Umwälzungen in Thailands Politik
Das Urteil bedeutet weitere Unruhen für Thailands bereits turbulente politische Landschaft, in der Reformwillige häufig mit dem Establishment in Konflikt geraten – einer kleinen, aber mächtigen Clique aus Militär, Monarchisten und Unternehmenseliten. In den letzten zwei Jahrzehnten wurden Dutzende von Abgeordneten von Amtsenthebungen betroffen, Parteien aufgelöst und Ministerpräsidenten durch Militärputsche oder gerichtliche Entscheidungen gestürzt – mit einer zentralen Rolle der Judikative im laufenden Machtkampf.

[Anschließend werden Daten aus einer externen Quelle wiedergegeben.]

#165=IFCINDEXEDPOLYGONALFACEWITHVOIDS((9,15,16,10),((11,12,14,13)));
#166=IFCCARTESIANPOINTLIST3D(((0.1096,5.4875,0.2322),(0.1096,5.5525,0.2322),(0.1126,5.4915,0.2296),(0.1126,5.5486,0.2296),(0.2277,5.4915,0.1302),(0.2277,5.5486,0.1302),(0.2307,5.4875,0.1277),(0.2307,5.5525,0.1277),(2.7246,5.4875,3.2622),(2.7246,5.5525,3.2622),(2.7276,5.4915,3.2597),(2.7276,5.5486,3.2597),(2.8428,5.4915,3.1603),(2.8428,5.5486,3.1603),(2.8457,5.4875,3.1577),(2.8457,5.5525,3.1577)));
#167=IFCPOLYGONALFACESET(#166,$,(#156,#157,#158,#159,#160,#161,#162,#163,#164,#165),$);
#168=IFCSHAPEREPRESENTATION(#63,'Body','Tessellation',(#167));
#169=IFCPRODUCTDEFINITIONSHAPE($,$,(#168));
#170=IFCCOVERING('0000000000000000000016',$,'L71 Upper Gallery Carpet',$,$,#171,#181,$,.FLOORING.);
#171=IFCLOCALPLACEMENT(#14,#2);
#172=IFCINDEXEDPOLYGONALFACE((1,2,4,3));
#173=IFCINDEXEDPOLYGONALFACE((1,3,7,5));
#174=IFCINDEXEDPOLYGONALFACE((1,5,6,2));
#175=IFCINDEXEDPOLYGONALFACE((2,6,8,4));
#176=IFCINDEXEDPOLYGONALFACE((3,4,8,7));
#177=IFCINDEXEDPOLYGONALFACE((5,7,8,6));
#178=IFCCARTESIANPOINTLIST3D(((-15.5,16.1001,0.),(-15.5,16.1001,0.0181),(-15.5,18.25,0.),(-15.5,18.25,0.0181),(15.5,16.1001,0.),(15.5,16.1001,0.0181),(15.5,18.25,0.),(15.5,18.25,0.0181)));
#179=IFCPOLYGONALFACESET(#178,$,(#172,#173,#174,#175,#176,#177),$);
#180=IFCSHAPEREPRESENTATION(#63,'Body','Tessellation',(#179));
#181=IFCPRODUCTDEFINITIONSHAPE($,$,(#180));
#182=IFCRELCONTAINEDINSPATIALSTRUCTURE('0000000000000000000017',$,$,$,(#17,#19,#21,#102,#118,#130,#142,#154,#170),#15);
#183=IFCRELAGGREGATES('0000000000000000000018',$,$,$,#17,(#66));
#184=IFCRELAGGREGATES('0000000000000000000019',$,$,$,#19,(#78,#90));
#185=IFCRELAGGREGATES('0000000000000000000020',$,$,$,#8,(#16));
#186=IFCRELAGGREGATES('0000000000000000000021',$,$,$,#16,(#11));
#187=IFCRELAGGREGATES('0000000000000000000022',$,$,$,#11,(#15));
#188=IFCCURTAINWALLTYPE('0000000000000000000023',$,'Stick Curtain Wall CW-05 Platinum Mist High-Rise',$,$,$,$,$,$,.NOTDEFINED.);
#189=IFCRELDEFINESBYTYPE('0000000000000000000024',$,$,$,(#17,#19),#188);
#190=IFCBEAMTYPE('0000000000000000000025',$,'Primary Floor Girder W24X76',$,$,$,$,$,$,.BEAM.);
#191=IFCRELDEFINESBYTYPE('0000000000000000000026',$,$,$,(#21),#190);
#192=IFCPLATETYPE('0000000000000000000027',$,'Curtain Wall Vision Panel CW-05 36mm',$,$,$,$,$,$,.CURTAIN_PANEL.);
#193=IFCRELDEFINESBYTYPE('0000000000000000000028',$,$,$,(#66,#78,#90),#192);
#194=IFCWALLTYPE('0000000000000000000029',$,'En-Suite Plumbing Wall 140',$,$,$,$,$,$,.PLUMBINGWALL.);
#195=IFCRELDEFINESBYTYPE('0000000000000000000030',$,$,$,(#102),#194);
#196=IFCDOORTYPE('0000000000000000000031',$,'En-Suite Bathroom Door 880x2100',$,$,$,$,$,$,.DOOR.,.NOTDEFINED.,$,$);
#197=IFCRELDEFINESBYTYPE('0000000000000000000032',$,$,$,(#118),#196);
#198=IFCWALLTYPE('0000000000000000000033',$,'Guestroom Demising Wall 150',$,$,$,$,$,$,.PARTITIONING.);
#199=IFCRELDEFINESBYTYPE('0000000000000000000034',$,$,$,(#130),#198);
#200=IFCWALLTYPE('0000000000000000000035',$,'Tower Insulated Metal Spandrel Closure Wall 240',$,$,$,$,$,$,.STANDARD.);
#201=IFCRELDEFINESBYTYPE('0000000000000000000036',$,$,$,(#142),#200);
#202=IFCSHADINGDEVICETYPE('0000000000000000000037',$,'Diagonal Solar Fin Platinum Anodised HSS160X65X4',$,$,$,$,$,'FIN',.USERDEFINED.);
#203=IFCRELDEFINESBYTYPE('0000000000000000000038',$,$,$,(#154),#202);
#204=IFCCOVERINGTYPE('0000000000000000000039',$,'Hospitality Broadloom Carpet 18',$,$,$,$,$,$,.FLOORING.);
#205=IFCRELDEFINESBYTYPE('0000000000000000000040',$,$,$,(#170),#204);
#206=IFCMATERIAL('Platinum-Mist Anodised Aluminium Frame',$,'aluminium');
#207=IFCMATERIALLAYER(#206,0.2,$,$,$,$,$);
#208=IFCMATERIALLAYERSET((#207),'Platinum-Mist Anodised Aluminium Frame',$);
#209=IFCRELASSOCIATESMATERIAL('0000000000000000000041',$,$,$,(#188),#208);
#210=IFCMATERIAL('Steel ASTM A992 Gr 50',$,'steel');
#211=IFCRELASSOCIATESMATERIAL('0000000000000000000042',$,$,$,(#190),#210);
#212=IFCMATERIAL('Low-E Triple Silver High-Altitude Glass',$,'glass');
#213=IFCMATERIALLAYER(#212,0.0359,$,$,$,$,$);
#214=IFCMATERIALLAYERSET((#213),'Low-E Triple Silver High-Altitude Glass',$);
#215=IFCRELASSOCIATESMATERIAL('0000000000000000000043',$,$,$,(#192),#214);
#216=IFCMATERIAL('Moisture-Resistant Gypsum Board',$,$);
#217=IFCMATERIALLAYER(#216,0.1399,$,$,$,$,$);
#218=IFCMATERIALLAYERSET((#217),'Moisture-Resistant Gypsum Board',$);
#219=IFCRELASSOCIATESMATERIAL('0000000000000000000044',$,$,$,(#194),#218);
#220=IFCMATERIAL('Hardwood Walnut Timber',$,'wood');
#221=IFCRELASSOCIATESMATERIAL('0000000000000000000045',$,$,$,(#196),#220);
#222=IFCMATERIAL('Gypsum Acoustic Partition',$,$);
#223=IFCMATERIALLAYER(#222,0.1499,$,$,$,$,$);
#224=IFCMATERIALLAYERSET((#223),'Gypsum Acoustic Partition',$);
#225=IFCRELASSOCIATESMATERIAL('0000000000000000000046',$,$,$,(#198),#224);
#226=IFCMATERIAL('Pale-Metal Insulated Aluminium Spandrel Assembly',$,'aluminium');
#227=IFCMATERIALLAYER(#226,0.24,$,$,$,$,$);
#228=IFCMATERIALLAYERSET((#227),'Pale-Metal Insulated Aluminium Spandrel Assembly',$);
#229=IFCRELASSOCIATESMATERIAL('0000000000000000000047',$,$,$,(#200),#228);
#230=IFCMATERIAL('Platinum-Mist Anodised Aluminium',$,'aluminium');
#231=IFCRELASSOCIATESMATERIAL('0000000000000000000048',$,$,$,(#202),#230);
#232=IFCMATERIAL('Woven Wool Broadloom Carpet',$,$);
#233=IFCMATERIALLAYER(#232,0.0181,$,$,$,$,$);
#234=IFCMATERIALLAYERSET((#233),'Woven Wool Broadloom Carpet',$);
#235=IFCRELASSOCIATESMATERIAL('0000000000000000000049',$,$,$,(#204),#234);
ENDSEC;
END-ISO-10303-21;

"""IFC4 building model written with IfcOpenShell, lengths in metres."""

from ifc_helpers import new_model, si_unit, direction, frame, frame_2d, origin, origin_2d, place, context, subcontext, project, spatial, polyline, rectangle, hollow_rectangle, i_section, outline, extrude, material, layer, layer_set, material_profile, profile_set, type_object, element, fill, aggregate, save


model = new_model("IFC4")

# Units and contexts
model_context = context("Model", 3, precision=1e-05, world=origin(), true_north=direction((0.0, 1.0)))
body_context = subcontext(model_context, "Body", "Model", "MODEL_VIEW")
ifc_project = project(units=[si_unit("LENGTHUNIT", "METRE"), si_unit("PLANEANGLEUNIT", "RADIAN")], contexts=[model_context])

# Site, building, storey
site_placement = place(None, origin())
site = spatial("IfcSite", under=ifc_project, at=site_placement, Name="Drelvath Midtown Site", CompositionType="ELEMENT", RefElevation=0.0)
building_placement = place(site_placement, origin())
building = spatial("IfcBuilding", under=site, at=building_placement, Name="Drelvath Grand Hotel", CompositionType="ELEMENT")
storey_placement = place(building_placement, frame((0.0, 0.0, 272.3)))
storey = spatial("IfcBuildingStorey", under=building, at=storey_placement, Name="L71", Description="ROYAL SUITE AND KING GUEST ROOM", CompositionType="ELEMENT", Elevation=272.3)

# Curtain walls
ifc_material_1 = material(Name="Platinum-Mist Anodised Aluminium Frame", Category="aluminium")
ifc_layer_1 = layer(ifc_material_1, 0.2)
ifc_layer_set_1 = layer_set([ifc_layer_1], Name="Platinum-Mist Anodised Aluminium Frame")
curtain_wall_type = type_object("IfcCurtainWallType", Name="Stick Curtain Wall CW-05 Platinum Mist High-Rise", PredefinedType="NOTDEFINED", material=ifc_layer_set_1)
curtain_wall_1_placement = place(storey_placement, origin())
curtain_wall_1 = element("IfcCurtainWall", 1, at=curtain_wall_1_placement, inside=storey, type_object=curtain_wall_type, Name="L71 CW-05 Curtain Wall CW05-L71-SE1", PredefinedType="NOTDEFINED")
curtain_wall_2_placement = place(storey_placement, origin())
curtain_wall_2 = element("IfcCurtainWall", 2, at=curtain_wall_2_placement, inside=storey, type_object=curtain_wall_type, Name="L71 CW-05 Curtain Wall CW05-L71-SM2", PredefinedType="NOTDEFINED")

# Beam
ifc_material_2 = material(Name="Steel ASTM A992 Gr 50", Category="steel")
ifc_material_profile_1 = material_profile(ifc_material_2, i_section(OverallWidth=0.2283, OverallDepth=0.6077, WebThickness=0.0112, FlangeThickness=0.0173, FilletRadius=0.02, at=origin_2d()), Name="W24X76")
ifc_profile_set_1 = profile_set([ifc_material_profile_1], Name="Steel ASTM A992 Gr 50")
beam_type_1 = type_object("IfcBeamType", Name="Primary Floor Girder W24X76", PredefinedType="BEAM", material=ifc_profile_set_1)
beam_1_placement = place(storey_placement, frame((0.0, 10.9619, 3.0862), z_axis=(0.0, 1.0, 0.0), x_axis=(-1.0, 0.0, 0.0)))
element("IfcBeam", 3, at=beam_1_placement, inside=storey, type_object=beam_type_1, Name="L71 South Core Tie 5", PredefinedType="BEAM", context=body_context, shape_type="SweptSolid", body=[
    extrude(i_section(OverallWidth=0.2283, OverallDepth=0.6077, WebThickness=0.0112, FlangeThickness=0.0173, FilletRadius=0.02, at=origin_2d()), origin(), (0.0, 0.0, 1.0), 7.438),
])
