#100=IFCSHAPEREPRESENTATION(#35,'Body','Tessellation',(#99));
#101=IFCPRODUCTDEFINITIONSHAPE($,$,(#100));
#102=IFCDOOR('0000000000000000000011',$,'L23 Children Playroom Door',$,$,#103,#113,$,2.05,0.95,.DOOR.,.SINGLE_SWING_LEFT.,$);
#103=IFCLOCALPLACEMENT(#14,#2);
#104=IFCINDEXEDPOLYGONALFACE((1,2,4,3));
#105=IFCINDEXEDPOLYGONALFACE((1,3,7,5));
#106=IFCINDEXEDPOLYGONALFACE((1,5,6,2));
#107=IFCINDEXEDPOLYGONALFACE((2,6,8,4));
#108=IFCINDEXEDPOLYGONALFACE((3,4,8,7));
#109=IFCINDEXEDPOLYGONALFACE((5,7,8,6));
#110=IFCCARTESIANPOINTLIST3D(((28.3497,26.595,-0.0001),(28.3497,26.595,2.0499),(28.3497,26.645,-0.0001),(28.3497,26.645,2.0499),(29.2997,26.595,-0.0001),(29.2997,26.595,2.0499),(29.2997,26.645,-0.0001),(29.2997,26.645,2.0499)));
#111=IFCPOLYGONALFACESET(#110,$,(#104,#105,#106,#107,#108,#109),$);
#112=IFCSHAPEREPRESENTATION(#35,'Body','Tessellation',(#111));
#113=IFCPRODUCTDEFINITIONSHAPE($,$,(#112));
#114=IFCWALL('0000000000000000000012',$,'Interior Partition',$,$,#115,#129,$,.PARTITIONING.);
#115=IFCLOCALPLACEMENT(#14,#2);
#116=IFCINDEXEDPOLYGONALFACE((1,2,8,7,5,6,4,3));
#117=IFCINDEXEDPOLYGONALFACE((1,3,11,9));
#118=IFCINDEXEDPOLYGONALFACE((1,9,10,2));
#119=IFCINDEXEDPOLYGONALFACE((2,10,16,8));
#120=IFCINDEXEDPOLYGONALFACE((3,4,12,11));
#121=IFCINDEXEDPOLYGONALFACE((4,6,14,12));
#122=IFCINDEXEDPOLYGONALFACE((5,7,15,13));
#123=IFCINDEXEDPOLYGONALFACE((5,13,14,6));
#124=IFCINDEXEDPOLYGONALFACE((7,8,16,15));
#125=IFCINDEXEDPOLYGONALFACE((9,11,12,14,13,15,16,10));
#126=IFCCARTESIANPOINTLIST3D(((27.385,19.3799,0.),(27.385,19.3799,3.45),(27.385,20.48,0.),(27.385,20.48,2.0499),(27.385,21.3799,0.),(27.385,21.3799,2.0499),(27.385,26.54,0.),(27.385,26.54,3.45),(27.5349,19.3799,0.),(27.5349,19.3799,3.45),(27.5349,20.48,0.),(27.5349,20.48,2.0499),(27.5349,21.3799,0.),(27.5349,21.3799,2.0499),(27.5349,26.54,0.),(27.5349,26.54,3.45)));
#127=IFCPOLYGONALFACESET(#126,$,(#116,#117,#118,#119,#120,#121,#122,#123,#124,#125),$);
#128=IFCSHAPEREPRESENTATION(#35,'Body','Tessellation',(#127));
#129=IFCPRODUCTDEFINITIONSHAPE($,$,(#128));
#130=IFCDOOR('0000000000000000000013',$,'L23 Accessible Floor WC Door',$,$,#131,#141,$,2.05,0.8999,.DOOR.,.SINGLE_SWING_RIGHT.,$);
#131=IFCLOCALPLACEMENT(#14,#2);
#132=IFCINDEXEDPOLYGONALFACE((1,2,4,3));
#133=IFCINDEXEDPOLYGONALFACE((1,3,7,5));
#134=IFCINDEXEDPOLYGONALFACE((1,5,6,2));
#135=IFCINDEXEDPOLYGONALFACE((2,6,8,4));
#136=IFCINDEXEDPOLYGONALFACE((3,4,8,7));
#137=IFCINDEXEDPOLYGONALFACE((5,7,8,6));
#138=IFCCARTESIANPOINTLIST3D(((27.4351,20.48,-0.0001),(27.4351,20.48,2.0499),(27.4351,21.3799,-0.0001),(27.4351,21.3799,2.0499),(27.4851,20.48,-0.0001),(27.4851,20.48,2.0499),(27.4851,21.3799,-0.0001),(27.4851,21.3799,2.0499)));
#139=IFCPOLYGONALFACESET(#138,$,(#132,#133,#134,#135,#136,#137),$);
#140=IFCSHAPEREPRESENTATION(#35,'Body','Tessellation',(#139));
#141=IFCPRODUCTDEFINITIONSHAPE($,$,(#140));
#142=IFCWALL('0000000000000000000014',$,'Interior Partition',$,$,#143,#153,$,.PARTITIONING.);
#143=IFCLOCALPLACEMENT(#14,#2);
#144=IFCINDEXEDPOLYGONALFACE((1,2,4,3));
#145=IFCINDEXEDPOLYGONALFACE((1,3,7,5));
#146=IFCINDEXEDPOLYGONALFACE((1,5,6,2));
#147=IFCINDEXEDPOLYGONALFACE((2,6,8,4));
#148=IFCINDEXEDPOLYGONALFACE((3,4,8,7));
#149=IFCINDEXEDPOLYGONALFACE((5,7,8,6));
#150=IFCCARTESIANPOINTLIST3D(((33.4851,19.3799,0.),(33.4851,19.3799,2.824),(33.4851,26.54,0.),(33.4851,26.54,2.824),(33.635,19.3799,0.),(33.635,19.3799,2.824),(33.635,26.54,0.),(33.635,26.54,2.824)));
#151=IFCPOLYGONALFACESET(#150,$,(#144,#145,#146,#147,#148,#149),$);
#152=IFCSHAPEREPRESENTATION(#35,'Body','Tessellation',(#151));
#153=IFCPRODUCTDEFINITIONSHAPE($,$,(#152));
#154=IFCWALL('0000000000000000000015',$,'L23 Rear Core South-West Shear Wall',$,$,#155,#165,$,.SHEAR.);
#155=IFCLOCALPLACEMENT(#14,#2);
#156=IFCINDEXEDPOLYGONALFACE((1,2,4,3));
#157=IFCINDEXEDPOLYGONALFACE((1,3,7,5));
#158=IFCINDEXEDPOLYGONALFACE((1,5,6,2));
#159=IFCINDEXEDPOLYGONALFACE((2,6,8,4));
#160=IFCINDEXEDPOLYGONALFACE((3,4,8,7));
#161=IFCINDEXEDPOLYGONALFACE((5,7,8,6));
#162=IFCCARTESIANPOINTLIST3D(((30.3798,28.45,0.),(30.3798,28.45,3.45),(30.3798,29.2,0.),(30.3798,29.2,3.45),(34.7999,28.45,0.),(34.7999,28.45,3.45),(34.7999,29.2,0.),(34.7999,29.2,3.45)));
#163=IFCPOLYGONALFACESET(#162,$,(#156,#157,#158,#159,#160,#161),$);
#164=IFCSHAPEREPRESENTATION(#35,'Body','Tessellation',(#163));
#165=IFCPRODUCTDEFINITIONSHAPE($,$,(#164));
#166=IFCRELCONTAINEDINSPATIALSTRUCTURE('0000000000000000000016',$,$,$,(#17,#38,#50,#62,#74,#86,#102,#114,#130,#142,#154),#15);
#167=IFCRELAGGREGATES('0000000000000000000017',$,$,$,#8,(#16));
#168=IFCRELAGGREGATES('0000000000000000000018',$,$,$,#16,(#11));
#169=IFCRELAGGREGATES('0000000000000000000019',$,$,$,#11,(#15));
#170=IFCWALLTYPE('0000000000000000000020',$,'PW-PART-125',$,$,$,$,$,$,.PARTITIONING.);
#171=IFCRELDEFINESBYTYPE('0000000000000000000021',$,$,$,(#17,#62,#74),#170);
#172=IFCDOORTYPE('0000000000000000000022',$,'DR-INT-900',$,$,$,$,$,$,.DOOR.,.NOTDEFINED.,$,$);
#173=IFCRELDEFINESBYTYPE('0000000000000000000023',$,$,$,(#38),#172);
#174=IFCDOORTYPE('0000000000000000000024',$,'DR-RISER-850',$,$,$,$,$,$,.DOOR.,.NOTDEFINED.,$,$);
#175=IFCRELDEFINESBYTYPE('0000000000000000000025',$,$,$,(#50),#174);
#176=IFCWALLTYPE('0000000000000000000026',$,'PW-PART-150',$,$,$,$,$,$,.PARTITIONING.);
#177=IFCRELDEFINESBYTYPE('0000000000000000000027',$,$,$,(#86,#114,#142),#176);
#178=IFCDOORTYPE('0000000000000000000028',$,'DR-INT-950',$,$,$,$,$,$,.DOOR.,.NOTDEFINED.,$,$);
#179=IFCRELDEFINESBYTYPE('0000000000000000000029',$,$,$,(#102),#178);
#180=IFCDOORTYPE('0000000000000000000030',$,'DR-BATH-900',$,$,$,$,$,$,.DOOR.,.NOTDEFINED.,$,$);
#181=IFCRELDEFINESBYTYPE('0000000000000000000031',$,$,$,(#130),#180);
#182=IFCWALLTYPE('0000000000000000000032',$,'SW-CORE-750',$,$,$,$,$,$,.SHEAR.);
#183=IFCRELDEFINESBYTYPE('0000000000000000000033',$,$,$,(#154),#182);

Sretthas Aufstieg und Fall
Sretthas Ernennung zum Premierminister im vergangenen August beendete drei Monate politischer Lähmung nach den Wahlen 2023, führte jedoch dazu, dass seine Pheu Thai-Partei eine Regierungskoalition mit ihren langjährigen militärischen Rivalen bildete. Der Fall gegen Srettha wurde im Mai von einer Gruppe von 40 von Militärern ernannten ehemaligen Senatoren eingereicht, die seine Absetzung wegen der Kabinettsernennung von Pichit Chuenban, einem engen Vertrauten des ehemaligen Premierministers Thaksin Shinawatra, forderten. Pichit war 2008 wegen Missachtung des Gerichts für sechs Monate inhaftiert worden, nachdem er versucht hatte, Richter im Zusammenhang mit einem Landfall gegen Thaksin zu bestechen.
Öffentliche Unterstützung und wirtschaftliche Herausforderungen
Srettha hat jegliches Fehlverhalten bestritten und erklärt, Pichit, der mittlerweile zurückgetreten ist, sei ordnungsgemäß geprüft worden und die Partei habe die entsprechenden Verfahren eingehalten. In den letzten Monaten hat jedoch seine Popularität abgenommen, da wichtige Wirtschaftspolitiken auf Widerstand und Verzögerungen gestoßen sind. Das Urteil vom Mittwoch schockierte die politischen Analysten, die erwartet hatten, dass das Gericht zugunsten des Premierministers entscheiden würde.
Wirtschaftliche Pläne und zukünftige Perspektiven
Seit seinem Amtsantritt war es Sretthas Priorität, die stagnierende Wirtschaft des Landes zu revitalisieren. Der abgesetzte Premierminister hatte ein umfangreiches Programm für die Ausgabe einer digitalen Geldbörse im Wert von 500 Milliarden Baht (ca. 13,8 Milliarden US-Dollar) propagiert, das Arbeitsplätze schaffen und den Konsum in unterentwickelten Regionen ankurbeln sollte. Dieses Vorhaben steht jedoch noch aus. Zudem hatte Srettha sich das Ziel gesetzt, mehr ausländische Investitionen nach Thailand zu ziehen und das Land zu einem globalen Tourismus-Hub auszubauen, indem er visumfreie Regelungen erweiterte und Pläne verkündete, um größere Veranstaltungen auszurichten.
Pheu Thai und die politische Landschaft Thailands
Die populistische Pheu Thai-Partei ist die jüngste Inkarnation von Parteien, die mit dem umstrittenen ehemaligen Führer Thaksin verbunden sind, der 2005 durch das Militär gestürzt wurde. Thaksin, ein milliardenschwerer Telekommunikationsunternehmer und ehemaliger Eigentümer von Manchester City Football Club, ist das Oberhaupt einer berühmten politischen Dynastie, die in den letzten zwei Jahrzehnten eine übergroße Rolle in der thailändischen Politik spielt. Seine dramatische Rückkehr aus 15 Jahren selbst auferlegtem Exil im letzten Jahr fiel mit der Abstimmung des Senats zur Ernennung von Srettha als dem 30. Premierminister des Landes zusammen.
Diese Geschichte entwickelt sich weiter und wird aktualisiert.